# The Dog With No Name



## sskmick (Feb 4, 2008)

This posts is very distressing for dog owners and lovers.

I was walking Duke this evening when I stumbled upon a beautiful meduim size tan dog laid to rest partially hidden in the undergrowth. He isn't visable from the road. I suspect he was the victim of an RTA.

Don't ask about a collar please, if I say there were lots of flies around.

I have reported him but he won't be picked up until tomorrow morning.
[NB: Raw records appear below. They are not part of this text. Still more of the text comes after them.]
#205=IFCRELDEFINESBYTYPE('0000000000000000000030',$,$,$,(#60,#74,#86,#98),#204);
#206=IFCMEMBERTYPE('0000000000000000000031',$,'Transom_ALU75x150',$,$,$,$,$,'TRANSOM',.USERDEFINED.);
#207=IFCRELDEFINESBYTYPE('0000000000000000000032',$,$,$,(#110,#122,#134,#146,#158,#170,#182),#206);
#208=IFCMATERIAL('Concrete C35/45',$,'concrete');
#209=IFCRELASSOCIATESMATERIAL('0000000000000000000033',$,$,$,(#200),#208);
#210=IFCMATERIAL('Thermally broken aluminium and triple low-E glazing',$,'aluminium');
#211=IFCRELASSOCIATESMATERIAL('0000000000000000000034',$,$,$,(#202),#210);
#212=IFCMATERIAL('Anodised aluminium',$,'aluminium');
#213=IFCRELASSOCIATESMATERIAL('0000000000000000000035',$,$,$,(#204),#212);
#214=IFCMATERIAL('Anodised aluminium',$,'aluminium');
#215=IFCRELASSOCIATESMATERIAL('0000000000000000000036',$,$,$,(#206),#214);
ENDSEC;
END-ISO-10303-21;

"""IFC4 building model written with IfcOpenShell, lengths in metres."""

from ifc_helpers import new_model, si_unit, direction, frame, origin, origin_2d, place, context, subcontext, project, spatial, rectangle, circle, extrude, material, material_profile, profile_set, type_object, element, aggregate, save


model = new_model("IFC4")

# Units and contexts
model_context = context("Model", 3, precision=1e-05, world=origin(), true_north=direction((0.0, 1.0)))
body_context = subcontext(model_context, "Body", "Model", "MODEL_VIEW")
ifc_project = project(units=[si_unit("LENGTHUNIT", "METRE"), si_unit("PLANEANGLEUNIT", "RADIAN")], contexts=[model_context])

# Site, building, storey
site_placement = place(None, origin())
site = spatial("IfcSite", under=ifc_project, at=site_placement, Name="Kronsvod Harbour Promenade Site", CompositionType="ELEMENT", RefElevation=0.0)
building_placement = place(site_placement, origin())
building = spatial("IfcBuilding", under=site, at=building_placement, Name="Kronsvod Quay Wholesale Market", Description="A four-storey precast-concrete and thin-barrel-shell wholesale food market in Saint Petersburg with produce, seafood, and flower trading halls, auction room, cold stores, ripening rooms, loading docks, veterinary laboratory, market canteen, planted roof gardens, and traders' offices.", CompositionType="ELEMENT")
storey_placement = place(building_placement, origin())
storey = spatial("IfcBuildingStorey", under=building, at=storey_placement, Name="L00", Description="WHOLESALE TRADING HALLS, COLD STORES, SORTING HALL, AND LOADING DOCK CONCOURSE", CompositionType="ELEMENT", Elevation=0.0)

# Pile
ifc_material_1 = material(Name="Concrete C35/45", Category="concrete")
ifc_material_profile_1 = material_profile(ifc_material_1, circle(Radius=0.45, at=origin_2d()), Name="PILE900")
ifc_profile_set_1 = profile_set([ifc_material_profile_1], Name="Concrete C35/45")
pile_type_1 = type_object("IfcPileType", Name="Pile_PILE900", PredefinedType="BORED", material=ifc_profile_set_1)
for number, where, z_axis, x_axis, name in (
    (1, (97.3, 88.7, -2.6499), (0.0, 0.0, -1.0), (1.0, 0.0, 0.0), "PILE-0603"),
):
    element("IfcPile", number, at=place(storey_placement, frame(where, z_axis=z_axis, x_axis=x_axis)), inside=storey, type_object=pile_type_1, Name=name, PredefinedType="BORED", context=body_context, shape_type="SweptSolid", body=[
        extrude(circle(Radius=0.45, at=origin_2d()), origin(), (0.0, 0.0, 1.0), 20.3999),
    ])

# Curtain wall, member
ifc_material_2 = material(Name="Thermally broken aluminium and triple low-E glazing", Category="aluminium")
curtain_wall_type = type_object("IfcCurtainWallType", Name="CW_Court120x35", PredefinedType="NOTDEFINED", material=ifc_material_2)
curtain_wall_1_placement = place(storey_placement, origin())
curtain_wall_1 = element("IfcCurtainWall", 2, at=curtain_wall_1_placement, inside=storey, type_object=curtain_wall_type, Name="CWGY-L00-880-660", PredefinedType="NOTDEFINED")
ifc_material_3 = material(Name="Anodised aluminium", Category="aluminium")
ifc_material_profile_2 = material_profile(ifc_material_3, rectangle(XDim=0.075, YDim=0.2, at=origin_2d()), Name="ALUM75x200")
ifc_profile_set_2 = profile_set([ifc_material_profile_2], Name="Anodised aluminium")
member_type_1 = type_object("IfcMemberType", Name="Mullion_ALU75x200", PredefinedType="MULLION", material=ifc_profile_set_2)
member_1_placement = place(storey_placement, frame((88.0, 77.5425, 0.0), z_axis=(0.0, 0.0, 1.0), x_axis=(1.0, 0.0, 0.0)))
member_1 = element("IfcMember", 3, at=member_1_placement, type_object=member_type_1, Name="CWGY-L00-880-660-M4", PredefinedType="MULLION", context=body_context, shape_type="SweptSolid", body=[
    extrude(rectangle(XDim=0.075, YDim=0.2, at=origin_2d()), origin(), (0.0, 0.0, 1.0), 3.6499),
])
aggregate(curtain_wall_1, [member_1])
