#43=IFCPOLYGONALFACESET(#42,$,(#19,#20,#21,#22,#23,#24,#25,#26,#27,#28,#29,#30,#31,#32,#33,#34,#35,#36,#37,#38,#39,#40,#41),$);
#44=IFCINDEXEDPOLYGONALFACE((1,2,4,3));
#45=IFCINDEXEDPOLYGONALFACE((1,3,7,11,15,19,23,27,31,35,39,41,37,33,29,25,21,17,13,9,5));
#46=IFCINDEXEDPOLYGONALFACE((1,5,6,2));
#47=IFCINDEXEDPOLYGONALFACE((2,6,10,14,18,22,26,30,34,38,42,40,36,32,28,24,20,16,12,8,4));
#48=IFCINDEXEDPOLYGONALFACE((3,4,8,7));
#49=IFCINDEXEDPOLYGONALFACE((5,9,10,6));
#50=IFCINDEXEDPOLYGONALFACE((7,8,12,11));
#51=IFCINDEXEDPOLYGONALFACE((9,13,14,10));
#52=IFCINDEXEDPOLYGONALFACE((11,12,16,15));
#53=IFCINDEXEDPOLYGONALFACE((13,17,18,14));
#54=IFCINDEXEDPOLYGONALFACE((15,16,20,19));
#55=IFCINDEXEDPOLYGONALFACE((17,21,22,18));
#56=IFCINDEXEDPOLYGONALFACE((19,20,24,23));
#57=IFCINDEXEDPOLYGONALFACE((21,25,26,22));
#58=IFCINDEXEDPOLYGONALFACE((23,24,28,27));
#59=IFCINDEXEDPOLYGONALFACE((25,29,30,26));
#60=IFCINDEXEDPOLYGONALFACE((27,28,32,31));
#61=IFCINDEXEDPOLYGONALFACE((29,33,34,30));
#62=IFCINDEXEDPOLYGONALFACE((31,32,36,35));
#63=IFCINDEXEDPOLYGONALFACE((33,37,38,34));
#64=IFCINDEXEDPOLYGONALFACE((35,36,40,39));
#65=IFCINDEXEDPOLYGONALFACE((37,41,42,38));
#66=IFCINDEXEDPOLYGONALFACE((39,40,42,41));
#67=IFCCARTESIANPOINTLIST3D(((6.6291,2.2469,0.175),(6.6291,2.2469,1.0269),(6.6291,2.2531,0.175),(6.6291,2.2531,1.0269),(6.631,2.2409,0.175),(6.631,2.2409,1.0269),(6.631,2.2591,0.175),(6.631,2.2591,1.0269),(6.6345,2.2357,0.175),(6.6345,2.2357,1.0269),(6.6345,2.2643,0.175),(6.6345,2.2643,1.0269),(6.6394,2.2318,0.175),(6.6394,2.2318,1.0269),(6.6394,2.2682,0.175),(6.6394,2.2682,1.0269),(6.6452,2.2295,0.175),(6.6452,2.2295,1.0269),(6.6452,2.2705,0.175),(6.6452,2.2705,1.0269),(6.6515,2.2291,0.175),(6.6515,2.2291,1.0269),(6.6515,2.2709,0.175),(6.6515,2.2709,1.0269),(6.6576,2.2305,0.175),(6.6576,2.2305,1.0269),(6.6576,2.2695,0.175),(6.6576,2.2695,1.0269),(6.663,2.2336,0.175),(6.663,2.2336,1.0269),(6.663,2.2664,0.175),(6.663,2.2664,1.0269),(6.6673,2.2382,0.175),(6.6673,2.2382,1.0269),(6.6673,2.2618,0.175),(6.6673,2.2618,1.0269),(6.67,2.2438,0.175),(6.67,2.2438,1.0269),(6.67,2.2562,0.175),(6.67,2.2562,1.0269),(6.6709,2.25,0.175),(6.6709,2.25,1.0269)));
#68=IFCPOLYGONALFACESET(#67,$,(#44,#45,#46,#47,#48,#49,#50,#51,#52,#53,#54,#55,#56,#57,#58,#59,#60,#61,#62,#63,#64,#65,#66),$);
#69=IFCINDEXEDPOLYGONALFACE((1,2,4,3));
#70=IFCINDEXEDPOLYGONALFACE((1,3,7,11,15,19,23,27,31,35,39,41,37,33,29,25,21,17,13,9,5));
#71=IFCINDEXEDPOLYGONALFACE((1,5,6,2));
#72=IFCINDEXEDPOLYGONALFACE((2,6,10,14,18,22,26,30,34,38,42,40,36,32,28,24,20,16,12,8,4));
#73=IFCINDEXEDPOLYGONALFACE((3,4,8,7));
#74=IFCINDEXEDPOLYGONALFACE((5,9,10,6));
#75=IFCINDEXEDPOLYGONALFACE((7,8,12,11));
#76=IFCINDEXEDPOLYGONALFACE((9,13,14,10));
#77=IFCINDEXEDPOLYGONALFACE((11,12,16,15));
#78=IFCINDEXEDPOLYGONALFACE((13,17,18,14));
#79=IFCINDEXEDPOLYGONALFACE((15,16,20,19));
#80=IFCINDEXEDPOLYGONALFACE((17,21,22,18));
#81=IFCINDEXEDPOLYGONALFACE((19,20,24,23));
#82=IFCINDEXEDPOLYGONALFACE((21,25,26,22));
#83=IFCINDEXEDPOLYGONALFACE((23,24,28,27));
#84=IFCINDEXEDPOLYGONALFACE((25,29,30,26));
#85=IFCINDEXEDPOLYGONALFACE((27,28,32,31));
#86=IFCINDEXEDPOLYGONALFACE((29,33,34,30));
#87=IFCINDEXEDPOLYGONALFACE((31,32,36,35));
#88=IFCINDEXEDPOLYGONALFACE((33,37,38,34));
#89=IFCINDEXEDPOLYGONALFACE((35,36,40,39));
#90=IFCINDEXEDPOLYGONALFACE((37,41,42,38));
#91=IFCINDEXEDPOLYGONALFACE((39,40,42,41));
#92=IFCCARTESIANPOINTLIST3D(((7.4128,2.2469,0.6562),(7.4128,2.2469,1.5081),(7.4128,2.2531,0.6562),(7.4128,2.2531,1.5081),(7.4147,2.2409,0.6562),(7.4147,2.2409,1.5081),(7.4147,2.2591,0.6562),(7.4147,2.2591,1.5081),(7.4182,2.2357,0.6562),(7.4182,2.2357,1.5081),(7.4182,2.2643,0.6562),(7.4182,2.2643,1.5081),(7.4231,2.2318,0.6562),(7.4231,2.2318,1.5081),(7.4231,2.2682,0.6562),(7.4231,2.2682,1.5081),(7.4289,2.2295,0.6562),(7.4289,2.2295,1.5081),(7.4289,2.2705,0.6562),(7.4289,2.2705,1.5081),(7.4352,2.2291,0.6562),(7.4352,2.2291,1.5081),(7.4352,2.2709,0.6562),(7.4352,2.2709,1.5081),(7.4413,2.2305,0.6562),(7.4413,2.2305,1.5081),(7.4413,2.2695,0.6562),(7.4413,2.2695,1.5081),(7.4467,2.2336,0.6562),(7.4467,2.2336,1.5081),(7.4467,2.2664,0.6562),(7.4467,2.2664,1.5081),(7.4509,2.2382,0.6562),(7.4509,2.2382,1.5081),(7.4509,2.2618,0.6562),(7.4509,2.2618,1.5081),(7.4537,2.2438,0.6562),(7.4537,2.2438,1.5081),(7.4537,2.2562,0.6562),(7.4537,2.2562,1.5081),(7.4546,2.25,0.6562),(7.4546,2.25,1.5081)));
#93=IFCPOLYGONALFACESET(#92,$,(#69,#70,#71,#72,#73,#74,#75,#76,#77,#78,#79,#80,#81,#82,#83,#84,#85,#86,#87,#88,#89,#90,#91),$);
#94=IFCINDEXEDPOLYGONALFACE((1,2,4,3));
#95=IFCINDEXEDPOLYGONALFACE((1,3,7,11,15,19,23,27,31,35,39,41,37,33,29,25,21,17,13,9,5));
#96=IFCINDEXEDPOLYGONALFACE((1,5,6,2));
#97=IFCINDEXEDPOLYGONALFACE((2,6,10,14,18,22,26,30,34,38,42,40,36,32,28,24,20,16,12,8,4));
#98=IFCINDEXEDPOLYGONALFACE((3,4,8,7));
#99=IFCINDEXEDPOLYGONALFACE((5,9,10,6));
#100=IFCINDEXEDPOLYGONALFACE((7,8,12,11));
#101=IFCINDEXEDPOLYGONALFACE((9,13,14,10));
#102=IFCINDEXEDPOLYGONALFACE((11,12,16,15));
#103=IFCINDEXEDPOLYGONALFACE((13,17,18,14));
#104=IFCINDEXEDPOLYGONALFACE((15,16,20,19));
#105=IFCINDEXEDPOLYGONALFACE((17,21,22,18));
I think we should give him a name what about "Freedom" 

RIP.


Sue


----------



## Debbie (Nov 10, 2007)

R.I.P Freedom
Such a horrid way to go - poor lamb.
Lovely name


----------



## rottiesloveragdolls (Nov 2, 2007)

bless him, surely someone is missing him,  RIP Freedom x


----------



## sskmick (Feb 4, 2008)

rottiesloveragdolls said:


> bless him, surely someone is missing him,  RIP Freedom x


He must have belonged to someone he didn't look like a stray, good body weight and his coat looked good.

Sue


----------



## carol (Nov 2, 2007)

poor dog i bet the person didnt report it like they should if you hit a dog

but its silly you have to report it if its a dog but if its a cat you dont have to


----------



## Guest (Jun 4, 2008)

Awww poor thing  

see a beautifull husky once where i am from...was also in a rta on the side of the road


----------



## sskmick (Feb 4, 2008)

carol said:


> poor dog i bet the person didnt report it like they should if you hit a dog
> 
> but its silly you have to report it if its a dog but if its a cat you dont have to


Your right it is silly.

I always assumed you had to report a dog because originally a dog was licenced, other than that I don't understand why a cat doesn't have to be reported.

Sue


----------



## englishrose943 (Feb 7, 2008)

How sad, God bless Freedom.


----------



## sskmick (Feb 4, 2008)

Eolabeo said:


> Awww poor thing
> 
> see a beautifull husky once where i am from...was also in a rta on the side of the road


Aw husky's are beautiful dogs. I am not sure of this little lads breed he may well have been a cross.

Sue


----------



## catzndogz (Mar 12, 2008)

RIP....Freedom what a sad story


----------



## Guest (Jun 4, 2008)

sskmick said:


> Aw husky's are beautiful dogs. I am not sure of this little lads breed he may well have been a cross.
> 
> Sue


this husky was a beautifull dog...it looked asleep on the sideway 

wat ever breed of dog freedom was he is in a nice place now 

just wish more people would stop wen they hit dogs...it makes u wonder if he suffered or not


----------



## Selk67U2 (May 5, 2008)

*Ahhh, Poor thing. 
Run Free over Rainbow Bridge Freedom*


----------



## haylz22 (May 30, 2008)

rip freedom

god knows how someone who hits a dog can leave him/her there


----------



## Paula C (Mar 25, 2008)

awww so sad  

obviously the driver wasnt a pet owner!


----------



## sskmick (Feb 4, 2008)

Sorry guys the Council haven't removed him. 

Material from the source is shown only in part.